My Great Grandfather and Great Grandmother share seven daughters and two sons. The firstborn, a daughter, died as a child. When my Great Grandparents moved to Vietnam, they took both sons and some of the daughters, leaving behind the second sister, who was probably married off, the fourth sister, and Ama, the fifth sister. Ama’s fourth sister was two years older, and the two girls were given away to be raised by different families. I don’t know if Ama was the youngest at the time of my Great Grandparents’ departure—I don’t know if the sixth and seventh sisters were born in Taiwan or Vietnam. However, I know that the youngest two children, a son and a daughter, are born to my Great Grandfather’s second wife after my Great Grandmother’s death. They also adopted another son.
In the 1930, my Great Grandparents moved to Vietnam at the height of Japanese colonialism as it tried to expand its territories across Asia. My father guessed that her family probably left Taiwan when Ama was old enough to be out of diapers but still young enough to be moulded into someone else’s daughter. I understand why Ama’s parents took the boys—sons carry the family name in a patriarchal society. But I can only guess why they gave away the three daughters. Perhaps there were just too many children, so my Great Grandfather gave away some of his daughters to whoever would take them. Regardless of the reasons, Ama must feel abandoned or traumatized knowing that her parents didn’t want her or couldn’t take her to their new home.

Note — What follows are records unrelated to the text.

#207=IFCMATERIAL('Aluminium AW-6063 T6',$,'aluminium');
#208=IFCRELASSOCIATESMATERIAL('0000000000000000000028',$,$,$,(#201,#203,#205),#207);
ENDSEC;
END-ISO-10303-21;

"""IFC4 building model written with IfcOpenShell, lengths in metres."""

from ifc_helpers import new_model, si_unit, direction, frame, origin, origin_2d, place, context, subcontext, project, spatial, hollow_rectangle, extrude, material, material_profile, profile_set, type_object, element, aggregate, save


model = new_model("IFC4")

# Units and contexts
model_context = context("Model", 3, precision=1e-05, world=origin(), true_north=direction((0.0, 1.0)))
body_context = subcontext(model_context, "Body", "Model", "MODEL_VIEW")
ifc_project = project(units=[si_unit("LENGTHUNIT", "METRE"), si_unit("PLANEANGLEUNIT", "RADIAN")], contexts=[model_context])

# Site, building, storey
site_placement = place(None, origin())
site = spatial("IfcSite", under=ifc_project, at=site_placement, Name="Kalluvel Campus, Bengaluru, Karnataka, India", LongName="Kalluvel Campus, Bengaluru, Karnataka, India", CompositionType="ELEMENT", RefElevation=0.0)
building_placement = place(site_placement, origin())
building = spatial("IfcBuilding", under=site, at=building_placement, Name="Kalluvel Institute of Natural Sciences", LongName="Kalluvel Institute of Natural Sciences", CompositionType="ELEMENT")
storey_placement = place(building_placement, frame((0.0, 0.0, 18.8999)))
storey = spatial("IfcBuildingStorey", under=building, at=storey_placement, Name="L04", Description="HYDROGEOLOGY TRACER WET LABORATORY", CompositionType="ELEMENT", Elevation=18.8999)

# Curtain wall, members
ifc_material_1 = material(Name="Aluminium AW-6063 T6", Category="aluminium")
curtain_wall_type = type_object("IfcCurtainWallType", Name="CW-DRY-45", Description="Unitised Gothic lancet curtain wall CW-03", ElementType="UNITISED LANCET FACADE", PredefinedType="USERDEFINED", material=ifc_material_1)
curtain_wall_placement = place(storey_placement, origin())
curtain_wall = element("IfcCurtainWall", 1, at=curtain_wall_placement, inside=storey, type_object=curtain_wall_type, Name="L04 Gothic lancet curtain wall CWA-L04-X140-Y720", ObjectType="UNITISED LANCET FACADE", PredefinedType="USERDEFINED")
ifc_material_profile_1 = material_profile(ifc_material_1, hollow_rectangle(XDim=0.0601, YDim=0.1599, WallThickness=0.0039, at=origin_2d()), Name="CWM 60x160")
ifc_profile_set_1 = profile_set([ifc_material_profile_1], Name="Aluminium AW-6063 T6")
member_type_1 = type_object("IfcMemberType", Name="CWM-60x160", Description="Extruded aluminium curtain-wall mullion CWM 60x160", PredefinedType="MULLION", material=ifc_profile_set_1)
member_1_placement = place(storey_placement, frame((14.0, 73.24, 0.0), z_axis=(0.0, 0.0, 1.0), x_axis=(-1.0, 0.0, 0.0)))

My Great Grandfather did eventually return to Taiwan in the late 1940s or early 1950s. It was a turbulent time in Taiwan. World War II ended with the Japanese surrendering, and they lost control of Taiwan and all its colonies. The United States negotiated with the Republic of China (ROC) and gave control of Taiwan to its ruling party, the Kuomingtang (KMT). My Great Grandfather and his new life moved back to Taiwan as it was going through massive changes in governance and a shift in allegiance.
As far as I could tell from Ama’s records, the only ones that returned to Taiwan with my Great Grandfather were the second and third son, the adopted son and possibly Ama’s cousin. None of the daughters came back to live in Taiwan. I also found some records that indicated that Great Grandfather came back as Ama finished nursing school and was working at a hospital where she contracted a serious illness. Great Grandfather took care of her, provided her with Chinese medicine, and nursed her to health.
When Saigon fell in 1975, the remaining Wu family fled Vietnam—some to France and others to the U.S. I don’t know precisely where the Third and Sixth sisters relocated to, but the Seventh sister, who moved to France, visited Taiwan regularly. Her sons, who are about my father’s age, studied in Taiwan. She was the only one of the sisters who grew up in Vietnam who showed up in Ama’s photos.
Sometimes I wonder if my great-grandparents were terrible parents for leaving their daughters behind. If they hadn’t left Ama as a child, perhaps she would have married and led a more conventional life—but I wouldn’t have existed. So the point of this exercise isn’t to judge my ancestors or scrutinize their decisions—instead, I try to see them as people through a compassionate lens—I try to see them as people from different eras and try to learn about them in the context of Taiwanese history.